Carta Editorial Food and Travel > Septiembre 2017
Creemos que somos nosotros, los viajeros, quienes decidimos dónde ir. Proyectamos, hacemos los preparativos y planeamos hojas de rutas que contienen las paradas que pensamos nos harán conocer de manera profunda un lugar. Pero la mayoría de las veces la última palabra no es realmente nuestra: estamos respondiendo a un llamado que nos impulsa hacia nuevos horizontes, externos y también internos.

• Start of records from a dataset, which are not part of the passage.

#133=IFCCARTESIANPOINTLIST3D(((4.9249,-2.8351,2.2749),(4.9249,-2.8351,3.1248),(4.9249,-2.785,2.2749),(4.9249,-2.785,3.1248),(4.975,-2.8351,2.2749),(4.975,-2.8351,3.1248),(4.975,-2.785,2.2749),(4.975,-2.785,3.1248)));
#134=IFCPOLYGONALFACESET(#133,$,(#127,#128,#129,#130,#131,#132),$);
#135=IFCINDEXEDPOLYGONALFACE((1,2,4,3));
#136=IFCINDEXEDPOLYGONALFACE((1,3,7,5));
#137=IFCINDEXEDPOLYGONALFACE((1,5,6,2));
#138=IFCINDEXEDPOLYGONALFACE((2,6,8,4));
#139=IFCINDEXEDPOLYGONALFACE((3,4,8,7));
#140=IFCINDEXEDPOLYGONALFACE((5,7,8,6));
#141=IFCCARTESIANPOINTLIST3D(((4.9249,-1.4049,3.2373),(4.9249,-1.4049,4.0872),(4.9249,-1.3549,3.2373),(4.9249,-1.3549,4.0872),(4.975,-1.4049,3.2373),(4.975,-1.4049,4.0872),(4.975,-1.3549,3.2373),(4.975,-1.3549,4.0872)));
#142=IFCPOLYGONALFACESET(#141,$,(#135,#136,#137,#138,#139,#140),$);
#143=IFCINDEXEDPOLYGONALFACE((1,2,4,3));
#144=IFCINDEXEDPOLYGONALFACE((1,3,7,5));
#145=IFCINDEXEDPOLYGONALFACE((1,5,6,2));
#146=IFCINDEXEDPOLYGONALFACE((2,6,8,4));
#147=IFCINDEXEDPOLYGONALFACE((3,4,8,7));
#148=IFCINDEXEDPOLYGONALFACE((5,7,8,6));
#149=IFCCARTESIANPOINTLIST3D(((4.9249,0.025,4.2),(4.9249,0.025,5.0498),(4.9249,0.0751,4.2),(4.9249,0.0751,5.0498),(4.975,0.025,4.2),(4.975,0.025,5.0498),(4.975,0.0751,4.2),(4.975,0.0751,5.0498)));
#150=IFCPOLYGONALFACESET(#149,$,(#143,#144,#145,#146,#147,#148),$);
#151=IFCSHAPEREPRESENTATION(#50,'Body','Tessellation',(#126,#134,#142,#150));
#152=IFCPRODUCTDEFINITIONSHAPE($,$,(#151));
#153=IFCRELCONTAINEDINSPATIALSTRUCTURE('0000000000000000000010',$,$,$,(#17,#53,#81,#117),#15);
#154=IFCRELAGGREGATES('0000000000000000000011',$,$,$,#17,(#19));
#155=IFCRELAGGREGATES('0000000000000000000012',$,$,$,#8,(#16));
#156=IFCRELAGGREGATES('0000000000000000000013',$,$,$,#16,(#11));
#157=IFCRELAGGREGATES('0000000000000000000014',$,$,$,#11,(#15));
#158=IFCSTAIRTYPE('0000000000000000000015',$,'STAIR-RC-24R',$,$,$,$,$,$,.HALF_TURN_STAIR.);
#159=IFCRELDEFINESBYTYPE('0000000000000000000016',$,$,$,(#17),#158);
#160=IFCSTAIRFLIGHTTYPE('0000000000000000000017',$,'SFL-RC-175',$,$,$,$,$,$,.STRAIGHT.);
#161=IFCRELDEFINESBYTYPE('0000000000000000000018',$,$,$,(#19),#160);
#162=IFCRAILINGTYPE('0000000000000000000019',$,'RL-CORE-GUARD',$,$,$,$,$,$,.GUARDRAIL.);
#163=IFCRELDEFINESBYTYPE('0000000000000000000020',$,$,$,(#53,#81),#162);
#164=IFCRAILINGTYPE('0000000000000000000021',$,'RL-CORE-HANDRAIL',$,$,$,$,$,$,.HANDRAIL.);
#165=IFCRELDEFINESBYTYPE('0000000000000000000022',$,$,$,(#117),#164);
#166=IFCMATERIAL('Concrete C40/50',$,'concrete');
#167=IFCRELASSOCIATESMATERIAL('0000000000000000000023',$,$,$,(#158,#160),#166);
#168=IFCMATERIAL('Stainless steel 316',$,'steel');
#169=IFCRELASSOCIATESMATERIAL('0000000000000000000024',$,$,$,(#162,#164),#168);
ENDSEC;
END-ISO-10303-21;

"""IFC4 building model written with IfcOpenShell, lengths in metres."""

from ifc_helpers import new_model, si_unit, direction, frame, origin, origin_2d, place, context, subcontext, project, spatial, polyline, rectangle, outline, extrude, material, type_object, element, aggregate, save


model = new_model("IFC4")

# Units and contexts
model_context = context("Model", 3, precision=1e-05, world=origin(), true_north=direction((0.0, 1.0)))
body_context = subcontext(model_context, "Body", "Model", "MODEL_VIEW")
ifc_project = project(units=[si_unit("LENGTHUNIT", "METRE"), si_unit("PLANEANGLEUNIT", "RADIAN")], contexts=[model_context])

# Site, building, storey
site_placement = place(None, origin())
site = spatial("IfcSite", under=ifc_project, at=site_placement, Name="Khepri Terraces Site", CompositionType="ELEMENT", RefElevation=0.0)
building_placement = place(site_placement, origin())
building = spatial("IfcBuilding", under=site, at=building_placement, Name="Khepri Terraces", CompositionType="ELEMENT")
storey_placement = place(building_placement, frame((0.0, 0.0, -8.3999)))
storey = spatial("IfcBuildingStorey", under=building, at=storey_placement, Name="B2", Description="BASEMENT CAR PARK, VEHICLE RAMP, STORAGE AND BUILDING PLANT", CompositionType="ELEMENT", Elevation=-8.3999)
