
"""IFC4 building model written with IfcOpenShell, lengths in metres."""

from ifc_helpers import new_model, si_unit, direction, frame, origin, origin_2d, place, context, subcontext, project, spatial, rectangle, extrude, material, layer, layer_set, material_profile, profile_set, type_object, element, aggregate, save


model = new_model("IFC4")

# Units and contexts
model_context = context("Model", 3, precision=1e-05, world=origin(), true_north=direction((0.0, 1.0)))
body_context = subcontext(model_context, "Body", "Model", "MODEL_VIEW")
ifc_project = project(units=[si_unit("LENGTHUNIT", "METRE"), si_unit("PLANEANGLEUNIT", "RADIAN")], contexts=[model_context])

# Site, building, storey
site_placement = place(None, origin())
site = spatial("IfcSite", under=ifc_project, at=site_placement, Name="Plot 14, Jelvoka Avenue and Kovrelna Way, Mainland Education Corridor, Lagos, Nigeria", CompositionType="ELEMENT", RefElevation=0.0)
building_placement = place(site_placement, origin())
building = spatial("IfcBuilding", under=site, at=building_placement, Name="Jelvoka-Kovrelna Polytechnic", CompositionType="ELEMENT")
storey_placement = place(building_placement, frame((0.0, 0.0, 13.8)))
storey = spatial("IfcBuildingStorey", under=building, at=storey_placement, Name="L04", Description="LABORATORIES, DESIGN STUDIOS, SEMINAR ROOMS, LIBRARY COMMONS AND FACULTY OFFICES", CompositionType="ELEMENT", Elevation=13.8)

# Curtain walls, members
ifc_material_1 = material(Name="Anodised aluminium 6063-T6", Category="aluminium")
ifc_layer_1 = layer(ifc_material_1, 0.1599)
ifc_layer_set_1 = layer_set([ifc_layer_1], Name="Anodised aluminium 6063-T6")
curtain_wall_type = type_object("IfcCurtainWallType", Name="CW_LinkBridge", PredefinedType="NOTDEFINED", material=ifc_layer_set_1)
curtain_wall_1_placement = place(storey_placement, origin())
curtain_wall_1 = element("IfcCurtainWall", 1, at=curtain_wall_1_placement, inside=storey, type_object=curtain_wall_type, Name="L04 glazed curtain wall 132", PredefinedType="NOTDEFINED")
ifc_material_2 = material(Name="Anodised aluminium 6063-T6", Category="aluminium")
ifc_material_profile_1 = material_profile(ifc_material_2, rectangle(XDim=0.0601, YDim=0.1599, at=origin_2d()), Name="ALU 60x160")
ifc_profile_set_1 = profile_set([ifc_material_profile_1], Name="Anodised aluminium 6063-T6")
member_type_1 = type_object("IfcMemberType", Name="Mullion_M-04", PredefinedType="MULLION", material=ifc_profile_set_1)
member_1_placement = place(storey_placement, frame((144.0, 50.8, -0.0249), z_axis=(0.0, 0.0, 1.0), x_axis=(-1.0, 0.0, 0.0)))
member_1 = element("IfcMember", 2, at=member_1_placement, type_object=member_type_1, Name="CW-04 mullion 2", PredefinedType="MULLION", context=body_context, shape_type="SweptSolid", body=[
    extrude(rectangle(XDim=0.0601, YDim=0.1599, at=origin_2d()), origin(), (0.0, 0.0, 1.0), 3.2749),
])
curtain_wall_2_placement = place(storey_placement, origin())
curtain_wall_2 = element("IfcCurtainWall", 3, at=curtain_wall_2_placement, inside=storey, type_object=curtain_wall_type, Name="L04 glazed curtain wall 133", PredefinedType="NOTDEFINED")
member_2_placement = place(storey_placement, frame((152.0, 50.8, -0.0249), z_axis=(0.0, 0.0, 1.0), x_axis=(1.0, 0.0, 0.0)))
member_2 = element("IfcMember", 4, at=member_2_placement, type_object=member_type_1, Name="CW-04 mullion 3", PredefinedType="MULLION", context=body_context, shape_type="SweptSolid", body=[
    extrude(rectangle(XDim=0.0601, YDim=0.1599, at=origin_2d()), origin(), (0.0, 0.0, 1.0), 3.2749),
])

El escritor y gran aventurero suizo, Nicolás Bouvier, dijo que uno cree que va a hacer un viaje, pero es el viaje el que lo hace a él. Es hasta que entendemos que toda travesía concebida supone una elevación de la conciencia, cuando se produce el verdadero milagro: el cambio en el enfoque básico de la vida y en la visión del mundo.

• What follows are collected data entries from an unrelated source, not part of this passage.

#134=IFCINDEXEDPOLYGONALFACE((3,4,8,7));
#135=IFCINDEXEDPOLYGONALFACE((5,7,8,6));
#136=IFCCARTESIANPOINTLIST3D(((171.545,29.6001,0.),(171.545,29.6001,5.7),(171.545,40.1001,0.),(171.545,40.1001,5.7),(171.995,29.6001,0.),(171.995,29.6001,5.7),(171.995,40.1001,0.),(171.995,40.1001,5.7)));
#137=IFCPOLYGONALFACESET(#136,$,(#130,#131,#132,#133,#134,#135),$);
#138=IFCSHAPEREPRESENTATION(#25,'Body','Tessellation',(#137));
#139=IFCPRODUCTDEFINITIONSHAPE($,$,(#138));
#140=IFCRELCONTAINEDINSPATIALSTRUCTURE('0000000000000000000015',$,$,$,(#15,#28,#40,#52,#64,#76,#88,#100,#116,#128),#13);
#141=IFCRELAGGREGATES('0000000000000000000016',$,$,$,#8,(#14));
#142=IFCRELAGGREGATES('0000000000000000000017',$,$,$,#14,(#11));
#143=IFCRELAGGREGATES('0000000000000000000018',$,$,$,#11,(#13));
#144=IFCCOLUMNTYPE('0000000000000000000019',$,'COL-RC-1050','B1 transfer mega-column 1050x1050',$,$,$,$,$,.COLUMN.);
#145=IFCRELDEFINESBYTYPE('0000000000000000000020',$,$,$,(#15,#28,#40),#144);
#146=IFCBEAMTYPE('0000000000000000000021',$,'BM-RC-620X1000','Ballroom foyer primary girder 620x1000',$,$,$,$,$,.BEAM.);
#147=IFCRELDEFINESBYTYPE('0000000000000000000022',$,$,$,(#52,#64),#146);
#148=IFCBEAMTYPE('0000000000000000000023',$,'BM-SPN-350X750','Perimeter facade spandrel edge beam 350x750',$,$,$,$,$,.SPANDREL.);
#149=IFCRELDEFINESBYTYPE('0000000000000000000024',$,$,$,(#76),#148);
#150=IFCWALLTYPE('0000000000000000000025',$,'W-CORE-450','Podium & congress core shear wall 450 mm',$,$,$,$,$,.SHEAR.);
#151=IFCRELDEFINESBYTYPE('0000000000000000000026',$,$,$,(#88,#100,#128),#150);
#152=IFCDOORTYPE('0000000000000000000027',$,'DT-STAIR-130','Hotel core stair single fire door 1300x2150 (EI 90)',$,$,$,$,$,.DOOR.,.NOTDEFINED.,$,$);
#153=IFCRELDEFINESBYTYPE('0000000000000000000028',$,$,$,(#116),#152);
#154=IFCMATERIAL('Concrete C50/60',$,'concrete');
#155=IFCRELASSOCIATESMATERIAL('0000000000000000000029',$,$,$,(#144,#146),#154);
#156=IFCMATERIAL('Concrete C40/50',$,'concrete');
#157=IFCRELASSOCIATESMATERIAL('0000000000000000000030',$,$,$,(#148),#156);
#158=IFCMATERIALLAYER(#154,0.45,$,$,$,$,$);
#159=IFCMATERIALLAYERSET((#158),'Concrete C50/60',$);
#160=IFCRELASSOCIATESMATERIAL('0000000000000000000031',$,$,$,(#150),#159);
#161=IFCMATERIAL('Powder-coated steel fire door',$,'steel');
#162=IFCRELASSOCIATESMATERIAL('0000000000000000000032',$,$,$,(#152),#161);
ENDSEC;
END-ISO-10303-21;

El budismo tibetano suele explicar al destino con una metáfora en la que la vida es un tren que atraviesa por varias vías con una estación de salida y otra de llegada, y un sinfín de escalas en el camino. Seguimos un trayecto definido en el que no sabemos lo que nos espera en la próxima curva. No contamos con la información completa, no sabemos a qué velocidad hay que ir, cómo serán los escenarios que se cuelen por la ventana, cuántos cruces de camino nos encontraremos, ni mucho menos cómo será el lugar al que llegaremos.

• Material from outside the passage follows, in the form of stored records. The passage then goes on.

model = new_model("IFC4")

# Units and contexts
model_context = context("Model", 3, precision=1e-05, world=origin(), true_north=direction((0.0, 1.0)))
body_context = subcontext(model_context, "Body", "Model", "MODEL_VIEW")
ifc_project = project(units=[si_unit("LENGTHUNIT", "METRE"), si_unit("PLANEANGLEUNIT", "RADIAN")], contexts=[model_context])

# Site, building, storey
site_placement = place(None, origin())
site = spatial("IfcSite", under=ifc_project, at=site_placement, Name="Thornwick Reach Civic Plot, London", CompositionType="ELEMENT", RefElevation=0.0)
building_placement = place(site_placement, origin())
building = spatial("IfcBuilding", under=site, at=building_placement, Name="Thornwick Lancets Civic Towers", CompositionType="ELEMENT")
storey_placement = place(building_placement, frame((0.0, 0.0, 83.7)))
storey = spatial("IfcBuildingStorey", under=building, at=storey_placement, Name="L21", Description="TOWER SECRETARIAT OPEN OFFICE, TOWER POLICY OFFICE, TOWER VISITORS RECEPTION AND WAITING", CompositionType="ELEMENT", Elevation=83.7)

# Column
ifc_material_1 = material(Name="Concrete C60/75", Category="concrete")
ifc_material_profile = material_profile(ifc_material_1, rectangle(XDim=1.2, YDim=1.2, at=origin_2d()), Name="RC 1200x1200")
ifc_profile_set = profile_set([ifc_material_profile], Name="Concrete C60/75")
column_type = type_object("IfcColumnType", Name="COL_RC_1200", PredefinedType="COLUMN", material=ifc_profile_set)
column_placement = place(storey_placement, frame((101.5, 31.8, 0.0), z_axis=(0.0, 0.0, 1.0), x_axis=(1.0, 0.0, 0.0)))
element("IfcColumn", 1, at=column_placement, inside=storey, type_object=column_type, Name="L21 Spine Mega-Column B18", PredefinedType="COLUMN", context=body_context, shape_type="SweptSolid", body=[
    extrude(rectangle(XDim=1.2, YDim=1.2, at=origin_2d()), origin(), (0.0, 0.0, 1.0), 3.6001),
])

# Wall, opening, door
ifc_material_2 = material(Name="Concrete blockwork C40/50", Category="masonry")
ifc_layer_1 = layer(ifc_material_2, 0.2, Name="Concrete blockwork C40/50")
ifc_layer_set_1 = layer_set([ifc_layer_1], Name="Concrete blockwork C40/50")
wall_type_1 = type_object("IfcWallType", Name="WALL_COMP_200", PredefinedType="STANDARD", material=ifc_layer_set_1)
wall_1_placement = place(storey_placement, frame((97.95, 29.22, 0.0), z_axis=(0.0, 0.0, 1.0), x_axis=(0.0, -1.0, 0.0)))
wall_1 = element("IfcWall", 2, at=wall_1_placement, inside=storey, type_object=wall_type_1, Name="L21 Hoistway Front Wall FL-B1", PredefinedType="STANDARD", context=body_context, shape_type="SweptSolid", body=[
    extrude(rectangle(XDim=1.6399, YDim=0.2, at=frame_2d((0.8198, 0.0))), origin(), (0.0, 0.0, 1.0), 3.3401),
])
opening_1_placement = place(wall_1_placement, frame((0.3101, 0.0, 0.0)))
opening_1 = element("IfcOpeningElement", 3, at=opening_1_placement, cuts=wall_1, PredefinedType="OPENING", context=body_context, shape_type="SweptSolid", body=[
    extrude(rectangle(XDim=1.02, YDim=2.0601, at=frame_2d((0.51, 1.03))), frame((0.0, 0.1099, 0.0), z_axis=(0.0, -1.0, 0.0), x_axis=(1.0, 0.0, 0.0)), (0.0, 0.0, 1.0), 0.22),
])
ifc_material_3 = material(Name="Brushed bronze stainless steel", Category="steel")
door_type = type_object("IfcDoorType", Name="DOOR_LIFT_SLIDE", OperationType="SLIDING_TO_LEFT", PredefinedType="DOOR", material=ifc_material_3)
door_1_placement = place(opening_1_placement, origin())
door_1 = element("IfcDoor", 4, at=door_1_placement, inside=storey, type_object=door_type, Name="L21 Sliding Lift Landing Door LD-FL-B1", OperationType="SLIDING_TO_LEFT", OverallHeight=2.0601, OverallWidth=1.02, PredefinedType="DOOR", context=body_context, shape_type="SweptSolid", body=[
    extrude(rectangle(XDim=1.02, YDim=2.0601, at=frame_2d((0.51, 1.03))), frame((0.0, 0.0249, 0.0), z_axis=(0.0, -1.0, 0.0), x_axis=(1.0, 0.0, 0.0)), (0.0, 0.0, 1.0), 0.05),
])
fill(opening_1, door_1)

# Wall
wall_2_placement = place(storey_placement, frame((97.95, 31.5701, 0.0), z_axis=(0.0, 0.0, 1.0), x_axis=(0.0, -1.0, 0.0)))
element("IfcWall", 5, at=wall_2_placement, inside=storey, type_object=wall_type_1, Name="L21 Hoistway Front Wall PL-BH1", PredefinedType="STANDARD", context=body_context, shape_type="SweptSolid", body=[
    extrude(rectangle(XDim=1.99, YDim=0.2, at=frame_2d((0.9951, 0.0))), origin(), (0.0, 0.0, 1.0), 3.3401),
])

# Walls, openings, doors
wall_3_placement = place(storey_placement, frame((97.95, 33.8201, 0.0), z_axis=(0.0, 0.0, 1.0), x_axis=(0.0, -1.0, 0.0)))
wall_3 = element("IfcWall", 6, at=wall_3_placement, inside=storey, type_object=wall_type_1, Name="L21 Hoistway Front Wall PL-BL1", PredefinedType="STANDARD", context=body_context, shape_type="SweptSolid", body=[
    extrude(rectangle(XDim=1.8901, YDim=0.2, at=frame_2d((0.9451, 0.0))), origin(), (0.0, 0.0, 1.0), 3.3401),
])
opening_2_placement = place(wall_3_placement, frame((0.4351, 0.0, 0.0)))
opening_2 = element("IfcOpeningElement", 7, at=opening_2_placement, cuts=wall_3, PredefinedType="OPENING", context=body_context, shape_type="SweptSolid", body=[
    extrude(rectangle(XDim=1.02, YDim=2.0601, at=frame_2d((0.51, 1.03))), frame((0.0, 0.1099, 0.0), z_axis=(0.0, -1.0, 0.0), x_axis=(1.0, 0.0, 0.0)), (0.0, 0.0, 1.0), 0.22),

Es cierto que podemos elegir la dirección a tomar, pero como afirman los sufís: solo podemos elegir lo que nos han enseñado a elegir. Por eso, la invitación de cualquier viaje, corto o largo, cercano o distante es a ampliar la visión, a jugar con todas las posibilidades que tenemos como seres humanos, a disfrutar el recorrido con la consigna clara de que quien cambia de lugar, está también cambiando su suerte.